Primary Closure of Bladder Exstrophy without Osteotomies and Intensive Care Unit Is Safe and Cost-Effective

Saturday, October 20, 2012
Grand Ballroom A/B (Hilton Riverside)
Massimo Garriboli, Naima Smeulders, Abraham Cherian, Imran Mushtaq and Peter Cuckow, Paediatric Urology, Great Ormond Street Hospital, London, United Kingdom

Purpose To analyse the clinical and cost effectiveness outcome of two different post-operative regimens following neonatal bladder closure for primary Bladder Exstrophy (BE).

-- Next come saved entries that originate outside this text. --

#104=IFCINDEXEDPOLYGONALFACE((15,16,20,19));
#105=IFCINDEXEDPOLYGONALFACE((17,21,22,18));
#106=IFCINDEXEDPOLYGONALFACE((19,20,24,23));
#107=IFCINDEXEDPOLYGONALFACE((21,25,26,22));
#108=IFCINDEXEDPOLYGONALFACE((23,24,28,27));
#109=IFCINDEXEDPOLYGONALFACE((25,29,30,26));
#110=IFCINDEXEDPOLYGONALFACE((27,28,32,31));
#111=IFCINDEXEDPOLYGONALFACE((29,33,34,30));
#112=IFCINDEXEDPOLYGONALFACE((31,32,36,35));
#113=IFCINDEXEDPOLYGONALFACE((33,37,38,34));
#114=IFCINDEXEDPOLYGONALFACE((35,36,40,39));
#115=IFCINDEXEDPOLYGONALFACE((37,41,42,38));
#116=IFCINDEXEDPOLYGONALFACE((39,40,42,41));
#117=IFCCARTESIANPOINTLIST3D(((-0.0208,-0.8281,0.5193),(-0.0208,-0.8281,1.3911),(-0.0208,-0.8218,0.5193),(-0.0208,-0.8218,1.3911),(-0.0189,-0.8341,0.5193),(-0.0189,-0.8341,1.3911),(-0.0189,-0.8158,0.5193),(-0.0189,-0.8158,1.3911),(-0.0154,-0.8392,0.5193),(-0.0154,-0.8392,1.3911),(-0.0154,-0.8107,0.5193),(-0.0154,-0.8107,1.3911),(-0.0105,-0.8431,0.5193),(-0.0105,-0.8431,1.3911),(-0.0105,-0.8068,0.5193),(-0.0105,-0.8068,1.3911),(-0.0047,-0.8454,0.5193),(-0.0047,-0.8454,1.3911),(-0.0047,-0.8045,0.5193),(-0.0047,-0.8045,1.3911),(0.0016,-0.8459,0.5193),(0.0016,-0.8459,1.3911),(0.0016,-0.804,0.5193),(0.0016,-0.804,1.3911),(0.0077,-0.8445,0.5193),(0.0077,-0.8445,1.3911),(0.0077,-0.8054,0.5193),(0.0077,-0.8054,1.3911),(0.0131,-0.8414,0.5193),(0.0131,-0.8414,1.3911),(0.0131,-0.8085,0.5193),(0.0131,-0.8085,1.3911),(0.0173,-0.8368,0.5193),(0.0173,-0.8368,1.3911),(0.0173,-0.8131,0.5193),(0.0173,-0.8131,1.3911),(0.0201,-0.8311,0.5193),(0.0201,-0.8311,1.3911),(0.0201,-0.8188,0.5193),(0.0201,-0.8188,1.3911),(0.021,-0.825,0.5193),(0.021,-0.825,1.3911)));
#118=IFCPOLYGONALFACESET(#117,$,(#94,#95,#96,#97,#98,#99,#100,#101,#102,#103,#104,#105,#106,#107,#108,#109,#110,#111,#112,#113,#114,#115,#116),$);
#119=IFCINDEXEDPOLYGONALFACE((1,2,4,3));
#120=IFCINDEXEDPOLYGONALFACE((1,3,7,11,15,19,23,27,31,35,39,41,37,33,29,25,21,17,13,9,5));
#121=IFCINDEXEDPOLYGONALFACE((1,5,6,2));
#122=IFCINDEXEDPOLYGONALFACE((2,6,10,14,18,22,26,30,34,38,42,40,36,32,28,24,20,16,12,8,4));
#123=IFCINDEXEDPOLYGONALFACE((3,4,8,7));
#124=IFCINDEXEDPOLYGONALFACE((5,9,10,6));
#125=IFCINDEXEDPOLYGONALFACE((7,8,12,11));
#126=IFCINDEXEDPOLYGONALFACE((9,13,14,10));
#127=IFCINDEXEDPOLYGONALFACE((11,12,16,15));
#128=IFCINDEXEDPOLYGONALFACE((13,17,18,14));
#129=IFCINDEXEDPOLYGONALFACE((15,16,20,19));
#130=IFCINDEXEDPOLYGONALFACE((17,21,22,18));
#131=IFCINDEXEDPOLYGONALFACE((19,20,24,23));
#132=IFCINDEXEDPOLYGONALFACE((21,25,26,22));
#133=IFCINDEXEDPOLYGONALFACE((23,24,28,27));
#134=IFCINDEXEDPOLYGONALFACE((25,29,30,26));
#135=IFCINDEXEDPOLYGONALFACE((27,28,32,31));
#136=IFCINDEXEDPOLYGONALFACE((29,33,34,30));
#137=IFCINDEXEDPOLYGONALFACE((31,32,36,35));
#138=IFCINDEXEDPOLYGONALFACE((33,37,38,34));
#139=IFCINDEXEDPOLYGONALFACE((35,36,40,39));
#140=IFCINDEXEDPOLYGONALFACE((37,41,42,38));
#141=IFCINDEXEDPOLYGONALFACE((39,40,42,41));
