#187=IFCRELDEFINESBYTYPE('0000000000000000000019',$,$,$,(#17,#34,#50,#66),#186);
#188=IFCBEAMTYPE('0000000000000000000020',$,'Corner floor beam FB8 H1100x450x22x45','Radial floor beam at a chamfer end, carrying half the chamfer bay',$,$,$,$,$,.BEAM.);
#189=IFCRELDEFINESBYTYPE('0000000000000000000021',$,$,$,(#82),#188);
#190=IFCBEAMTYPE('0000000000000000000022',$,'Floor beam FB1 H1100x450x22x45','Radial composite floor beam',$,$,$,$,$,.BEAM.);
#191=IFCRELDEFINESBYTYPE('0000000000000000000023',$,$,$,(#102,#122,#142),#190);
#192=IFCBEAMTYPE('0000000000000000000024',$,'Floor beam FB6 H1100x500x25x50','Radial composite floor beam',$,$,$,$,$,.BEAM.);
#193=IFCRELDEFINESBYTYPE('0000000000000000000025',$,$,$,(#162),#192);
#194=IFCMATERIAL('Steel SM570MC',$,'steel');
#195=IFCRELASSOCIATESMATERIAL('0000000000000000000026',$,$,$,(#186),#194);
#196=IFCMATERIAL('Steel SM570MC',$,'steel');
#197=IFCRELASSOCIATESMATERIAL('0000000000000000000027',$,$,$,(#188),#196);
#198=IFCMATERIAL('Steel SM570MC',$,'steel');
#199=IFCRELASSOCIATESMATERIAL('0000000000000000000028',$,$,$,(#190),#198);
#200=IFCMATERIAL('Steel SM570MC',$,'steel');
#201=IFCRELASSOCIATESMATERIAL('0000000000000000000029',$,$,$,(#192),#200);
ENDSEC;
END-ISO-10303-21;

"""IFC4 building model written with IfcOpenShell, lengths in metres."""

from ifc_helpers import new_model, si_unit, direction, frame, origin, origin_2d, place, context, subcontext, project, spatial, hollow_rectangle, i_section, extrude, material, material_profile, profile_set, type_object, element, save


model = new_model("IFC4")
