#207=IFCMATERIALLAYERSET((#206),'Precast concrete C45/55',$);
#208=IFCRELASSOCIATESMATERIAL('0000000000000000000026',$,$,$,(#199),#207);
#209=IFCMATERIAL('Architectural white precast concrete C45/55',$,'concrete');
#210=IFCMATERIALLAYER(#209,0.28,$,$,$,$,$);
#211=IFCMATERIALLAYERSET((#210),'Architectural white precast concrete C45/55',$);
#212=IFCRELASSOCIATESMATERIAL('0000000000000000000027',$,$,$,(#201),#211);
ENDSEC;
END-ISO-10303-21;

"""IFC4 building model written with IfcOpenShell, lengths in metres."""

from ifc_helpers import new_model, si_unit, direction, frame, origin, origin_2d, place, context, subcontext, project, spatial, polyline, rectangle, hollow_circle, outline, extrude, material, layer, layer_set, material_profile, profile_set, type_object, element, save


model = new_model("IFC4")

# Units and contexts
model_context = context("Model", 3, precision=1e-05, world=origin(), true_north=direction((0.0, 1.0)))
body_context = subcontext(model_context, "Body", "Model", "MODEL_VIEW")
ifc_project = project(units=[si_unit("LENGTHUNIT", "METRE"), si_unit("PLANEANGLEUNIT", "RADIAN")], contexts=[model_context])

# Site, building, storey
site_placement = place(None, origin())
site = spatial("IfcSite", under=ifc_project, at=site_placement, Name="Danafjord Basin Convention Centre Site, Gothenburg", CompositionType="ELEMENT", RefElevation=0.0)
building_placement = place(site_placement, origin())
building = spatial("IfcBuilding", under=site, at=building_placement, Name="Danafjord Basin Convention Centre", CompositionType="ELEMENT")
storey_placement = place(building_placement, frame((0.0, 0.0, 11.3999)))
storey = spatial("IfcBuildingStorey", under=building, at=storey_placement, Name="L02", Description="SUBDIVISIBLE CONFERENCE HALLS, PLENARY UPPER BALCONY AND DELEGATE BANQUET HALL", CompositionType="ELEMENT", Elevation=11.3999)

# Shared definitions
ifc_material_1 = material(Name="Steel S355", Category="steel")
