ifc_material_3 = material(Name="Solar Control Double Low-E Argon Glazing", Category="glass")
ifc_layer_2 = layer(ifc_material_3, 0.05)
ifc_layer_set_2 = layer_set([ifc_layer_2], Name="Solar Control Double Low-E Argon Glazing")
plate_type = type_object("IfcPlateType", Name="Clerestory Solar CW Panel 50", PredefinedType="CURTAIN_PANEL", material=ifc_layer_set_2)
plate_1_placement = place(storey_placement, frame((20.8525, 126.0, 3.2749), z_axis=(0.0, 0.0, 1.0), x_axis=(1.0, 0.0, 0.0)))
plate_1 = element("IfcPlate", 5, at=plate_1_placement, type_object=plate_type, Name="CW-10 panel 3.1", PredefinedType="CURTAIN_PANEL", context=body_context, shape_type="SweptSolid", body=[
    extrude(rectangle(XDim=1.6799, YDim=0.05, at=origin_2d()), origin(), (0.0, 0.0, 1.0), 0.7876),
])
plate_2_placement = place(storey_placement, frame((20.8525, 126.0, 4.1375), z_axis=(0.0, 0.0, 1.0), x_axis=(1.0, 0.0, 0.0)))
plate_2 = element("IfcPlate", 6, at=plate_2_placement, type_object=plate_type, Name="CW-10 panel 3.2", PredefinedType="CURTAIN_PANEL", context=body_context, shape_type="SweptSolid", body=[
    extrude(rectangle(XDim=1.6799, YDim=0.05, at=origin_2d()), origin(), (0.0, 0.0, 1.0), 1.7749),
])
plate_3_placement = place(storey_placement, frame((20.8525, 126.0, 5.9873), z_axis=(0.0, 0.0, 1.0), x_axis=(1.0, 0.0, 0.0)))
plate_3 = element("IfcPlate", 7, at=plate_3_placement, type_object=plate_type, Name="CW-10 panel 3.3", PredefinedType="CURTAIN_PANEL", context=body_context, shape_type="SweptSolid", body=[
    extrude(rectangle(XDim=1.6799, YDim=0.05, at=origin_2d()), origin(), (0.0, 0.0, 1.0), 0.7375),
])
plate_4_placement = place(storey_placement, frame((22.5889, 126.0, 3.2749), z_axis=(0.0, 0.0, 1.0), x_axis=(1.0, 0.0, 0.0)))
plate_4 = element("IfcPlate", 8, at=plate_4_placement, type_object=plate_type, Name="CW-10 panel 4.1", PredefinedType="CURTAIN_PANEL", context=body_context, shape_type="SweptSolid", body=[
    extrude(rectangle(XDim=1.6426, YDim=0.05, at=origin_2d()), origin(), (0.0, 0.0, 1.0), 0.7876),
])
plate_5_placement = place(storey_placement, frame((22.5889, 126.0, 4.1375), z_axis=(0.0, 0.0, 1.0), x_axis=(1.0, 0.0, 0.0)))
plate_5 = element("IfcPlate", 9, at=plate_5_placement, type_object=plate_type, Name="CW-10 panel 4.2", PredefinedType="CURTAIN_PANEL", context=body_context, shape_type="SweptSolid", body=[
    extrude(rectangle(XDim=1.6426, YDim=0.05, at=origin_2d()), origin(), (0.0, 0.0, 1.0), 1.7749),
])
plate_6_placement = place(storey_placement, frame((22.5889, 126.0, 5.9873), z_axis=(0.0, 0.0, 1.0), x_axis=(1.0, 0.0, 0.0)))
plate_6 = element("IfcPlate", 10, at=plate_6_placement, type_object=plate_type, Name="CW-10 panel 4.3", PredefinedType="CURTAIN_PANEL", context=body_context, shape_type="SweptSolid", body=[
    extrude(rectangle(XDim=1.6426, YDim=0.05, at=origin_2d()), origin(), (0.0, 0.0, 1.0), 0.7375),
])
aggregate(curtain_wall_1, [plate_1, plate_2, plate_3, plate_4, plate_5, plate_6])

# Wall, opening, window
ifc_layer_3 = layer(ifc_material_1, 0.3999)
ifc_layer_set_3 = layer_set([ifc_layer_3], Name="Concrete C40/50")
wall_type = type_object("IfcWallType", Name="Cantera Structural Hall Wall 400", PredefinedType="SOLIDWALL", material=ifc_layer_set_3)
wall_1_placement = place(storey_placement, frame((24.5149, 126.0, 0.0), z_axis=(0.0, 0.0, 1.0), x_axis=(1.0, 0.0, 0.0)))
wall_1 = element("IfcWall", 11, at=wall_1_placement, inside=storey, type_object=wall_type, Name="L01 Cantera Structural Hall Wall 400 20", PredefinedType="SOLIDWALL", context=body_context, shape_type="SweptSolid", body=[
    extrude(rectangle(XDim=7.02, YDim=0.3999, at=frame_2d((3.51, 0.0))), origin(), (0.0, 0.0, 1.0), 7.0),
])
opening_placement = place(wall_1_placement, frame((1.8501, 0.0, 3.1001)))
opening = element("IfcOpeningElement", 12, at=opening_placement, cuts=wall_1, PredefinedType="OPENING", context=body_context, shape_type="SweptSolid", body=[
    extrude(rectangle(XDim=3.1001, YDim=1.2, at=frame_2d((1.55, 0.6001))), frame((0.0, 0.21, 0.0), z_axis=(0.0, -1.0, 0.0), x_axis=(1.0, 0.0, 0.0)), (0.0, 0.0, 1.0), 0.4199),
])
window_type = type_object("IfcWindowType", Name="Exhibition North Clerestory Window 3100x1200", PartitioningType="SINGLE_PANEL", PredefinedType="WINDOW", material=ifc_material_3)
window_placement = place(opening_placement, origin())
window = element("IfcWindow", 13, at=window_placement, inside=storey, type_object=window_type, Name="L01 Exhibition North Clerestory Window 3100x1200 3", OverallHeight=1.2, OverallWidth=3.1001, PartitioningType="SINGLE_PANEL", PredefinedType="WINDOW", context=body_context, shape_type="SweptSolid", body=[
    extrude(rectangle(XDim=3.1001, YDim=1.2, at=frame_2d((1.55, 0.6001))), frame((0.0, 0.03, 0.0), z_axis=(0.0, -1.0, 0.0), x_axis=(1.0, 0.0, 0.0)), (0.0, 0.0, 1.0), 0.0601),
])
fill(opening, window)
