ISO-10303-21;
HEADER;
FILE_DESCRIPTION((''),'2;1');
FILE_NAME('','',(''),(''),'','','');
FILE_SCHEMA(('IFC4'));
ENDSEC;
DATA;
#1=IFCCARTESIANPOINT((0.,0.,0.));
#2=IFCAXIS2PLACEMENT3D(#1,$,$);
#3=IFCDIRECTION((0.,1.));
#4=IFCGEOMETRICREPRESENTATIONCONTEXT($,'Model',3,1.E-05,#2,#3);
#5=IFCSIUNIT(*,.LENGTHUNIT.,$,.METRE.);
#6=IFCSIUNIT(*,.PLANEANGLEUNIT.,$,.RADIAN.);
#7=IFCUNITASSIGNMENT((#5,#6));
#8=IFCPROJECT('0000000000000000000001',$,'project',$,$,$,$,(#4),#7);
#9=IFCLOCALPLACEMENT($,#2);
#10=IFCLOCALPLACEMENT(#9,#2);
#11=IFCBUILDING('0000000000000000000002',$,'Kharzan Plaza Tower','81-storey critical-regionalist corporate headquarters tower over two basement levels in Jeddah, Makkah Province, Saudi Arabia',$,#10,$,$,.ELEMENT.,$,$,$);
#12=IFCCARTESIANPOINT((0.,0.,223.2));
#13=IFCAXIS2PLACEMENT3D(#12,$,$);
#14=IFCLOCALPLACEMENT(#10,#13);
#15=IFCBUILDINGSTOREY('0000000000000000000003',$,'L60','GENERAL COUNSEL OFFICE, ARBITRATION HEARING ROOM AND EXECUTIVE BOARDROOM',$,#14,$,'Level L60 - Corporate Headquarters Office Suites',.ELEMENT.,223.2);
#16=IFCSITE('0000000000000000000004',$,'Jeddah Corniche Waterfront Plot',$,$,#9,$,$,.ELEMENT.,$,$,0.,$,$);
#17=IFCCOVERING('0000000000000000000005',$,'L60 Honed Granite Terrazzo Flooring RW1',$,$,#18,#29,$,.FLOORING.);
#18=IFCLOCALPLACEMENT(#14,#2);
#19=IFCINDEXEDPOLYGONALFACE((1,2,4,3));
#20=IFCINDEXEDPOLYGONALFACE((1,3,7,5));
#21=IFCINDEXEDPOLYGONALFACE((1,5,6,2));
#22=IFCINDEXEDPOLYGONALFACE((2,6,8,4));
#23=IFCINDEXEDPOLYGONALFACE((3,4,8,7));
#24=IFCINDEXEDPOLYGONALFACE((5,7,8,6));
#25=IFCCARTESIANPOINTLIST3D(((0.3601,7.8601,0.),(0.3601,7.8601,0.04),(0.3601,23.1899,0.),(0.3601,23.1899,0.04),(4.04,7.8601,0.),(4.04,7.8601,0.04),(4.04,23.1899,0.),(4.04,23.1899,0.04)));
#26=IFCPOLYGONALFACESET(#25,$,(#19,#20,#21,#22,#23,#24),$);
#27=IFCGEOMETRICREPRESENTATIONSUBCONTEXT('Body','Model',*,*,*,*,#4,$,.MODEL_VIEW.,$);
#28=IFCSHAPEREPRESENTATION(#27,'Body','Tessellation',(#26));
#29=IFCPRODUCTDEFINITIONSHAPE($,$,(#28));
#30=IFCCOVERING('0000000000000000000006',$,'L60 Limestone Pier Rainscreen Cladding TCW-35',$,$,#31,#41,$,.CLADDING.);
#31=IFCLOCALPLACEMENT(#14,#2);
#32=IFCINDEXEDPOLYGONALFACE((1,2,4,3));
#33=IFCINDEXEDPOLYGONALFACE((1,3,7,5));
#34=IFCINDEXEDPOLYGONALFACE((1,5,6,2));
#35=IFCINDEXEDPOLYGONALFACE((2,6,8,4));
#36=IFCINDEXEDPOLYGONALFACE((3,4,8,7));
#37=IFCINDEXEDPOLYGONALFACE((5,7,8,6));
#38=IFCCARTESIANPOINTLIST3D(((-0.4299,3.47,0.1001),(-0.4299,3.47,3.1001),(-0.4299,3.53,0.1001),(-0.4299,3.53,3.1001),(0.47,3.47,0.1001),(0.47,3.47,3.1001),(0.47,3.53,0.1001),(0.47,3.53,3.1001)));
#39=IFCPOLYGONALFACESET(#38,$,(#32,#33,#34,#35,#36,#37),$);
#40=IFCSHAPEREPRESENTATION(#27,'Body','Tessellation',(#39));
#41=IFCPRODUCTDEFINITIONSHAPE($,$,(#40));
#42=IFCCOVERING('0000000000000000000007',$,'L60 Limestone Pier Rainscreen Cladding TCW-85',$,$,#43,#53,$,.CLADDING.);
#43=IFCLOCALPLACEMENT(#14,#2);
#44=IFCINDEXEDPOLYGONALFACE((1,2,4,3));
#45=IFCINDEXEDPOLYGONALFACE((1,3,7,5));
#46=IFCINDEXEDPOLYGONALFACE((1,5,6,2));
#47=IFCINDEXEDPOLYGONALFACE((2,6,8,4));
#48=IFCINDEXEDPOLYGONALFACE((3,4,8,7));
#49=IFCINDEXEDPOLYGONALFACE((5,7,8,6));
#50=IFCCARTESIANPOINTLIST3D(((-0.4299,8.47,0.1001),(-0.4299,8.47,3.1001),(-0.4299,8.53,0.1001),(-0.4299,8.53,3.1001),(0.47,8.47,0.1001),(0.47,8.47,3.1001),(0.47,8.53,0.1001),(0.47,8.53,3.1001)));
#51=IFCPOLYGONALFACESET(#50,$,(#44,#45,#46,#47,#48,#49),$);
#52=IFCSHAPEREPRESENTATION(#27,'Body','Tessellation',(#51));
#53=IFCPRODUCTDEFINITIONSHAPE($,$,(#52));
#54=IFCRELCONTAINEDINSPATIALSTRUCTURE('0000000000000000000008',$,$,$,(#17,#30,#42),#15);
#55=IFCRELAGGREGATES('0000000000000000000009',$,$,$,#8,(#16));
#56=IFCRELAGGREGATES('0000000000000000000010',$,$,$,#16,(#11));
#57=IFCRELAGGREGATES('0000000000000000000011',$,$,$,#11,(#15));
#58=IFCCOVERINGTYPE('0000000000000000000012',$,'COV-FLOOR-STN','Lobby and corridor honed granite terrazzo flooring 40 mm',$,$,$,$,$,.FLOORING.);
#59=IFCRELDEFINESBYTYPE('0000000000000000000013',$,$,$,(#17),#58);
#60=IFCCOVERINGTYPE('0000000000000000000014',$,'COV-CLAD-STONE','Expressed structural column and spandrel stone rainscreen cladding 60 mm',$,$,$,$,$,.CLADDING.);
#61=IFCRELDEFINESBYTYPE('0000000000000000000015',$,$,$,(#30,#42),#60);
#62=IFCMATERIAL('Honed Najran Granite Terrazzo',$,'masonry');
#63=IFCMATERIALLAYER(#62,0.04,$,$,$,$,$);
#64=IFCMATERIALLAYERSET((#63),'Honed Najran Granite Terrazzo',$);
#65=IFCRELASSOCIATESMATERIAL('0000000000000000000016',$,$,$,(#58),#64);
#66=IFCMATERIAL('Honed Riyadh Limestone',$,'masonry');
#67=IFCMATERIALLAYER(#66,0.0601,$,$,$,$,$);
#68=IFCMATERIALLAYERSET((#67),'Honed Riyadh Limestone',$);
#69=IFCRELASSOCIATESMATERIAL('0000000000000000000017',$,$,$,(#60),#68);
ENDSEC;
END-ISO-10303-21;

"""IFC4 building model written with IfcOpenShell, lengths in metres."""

from ifc_helpers import new_model, si_unit, direction, frame, origin, origin_2d, place, context, subcontext, project, spatial, polyline, rectangle, outline, extrude, source, transform, mapped, material, layer, layer_set, type_object, element, save


model = new_model("IFC4")

# Units and contexts
model_context = context("Model", 3, precision=1e-05, world=origin(), true_north=direction((0.0, 1.0)))
body_context = subcontext(model_context, "Body", "Model", "MODEL_VIEW")
ifc_project = project(units=[si_unit("LENGTHUNIT", "METRE"), si_unit("PLANEANGLEUNIT", "RADIAN")], contexts=[model_context])

# Site, building, storey
site_placement = place(None, origin())
site = spatial("IfcSite", under=ifc_project, at=site_placement, Name="Jeddah Corniche Waterfront Plot", CompositionType="ELEMENT", RefElevation=0.0)
building_placement = place(site_placement, origin())
building = spatial("IfcBuilding", under=site, at=building_placement, Name="Kharzan Plaza Tower", Description="81-storey critical-regionalist corporate headquarters tower over two basement levels in Jeddah, Makkah Province, Saudi Arabia", CompositionType="ELEMENT")
storey_placement = place(building_placement, frame((0.0, 0.0, 223.2)))
storey = spatial("IfcBuildingStorey", under=building, at=storey_placement, Name="L60", Description="GENERAL COUNSEL OFFICE, ARBITRATION HEARING ROOM AND EXECUTIVE BOARDROOM", LongName="Level L60 - Corporate Headquarters Office Suites", CompositionType="ELEMENT", Elevation=223.2)

# Coverings
ifc_material_1 = material(Name="Honed Najran Granite Terrazzo", Category="masonry")
ifc_layer_1 = layer(ifc_material_1, 0.04)
ifc_layer_set_1 = layer_set([ifc_layer_1], Name="Honed Najran Granite Terrazzo")
covering_type_1 = type_object("IfcCoveringType", Name="COV-FLOOR-STN", Description="Lobby and corridor honed granite terrazzo flooring 40 mm", PredefinedType="FLOORING", material=ifc_layer_set_1)
covering_1_placement = place(storey_placement, origin())
element("IfcCovering", 1, at=covering_1_placement, inside=storey, type_object=covering_type_1, Name="L60 Honed Granite Terrazzo Flooring RW1", PredefinedType="FLOORING", context=body_context, shape_type="SweptSolid", body=[
    extrude(outline(polyline([(0.3601, 7.8601), (4.04, 7.8601), (4.04, 23.1899), (0.3601, 23.1899), (0.3601, 7.8601)])), origin(), (0.0, 0.0, 1.0), 0.04),
])
ifc_material_2 = material(Name="Honed Riyadh Limestone", Category="masonry")
ifc_layer_2 = layer(ifc_material_2, 0.0601)
ifc_layer_set_2 = layer_set([ifc_layer_2], Name="Honed Riyadh Limestone")
covering_type_2 = type_object("IfcCoveringType", Name="COV-CLAD-STONE", Description="Expressed structural column and spandrel stone rainscreen cladding 60 mm", PredefinedType="CLADDING", material=ifc_layer_set_2)
shared_shape_1 = source(origin(), body_context, "Body", "SweptSolid", [
    extrude(rectangle(XDim=0.0601, YDim=0.8999, at=origin_2d()), origin(), (0.0, 0.0, 1.0), 3.0),
])
for number, where, z_axis, x_axis, name in (
    (2, (0.02, 3.5, 0.1001), (0.0, 0.0, 1.0), (0.0, 1.0, 0.0), "L60 Limestone Pier Rainscreen Cladding TCW-35"),
    (3, (0.02, 8.5, 0.1001), (0.0, 0.0, 1.0), (0.0, 1.0, 0.0), "L60 Limestone Pier Rainscreen Cladding TCW-85"),
):
    element("IfcCovering", number, at=place(storey_placement, frame(where, z_axis=z_axis, x_axis=x_axis)), inside=storey, type_object=covering_type_2, Name=name, PredefinedType="CLADDING", context=body_context, shape_type="MappedRepresentation", body=[
        mapped(shared_shape_1, transform((0.0, 0.0, 0.0), x_axis=(1.0, 0.0, 0.0), y_axis=(0.0, 1.0, 0.0), z_axis=(0.0, 0.0, 1.0))),
    ])

save(model, "model.ifc")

Methods We reviewed our neonatal management of primary bladder exstrophy over the past 5 years, comparing post-operative management on the surgical ward with epidural analgesia to muscle paralysis/ventilation on the intensive care unit (ICU). Clinical outcome measures were: length of stay, postoperative complications and re-do closure. Cost-effectiveness has also been evaluated using hospital financial data. Data are expressed as median (range). Significance was explored by Fisher exact test and unpaired t test.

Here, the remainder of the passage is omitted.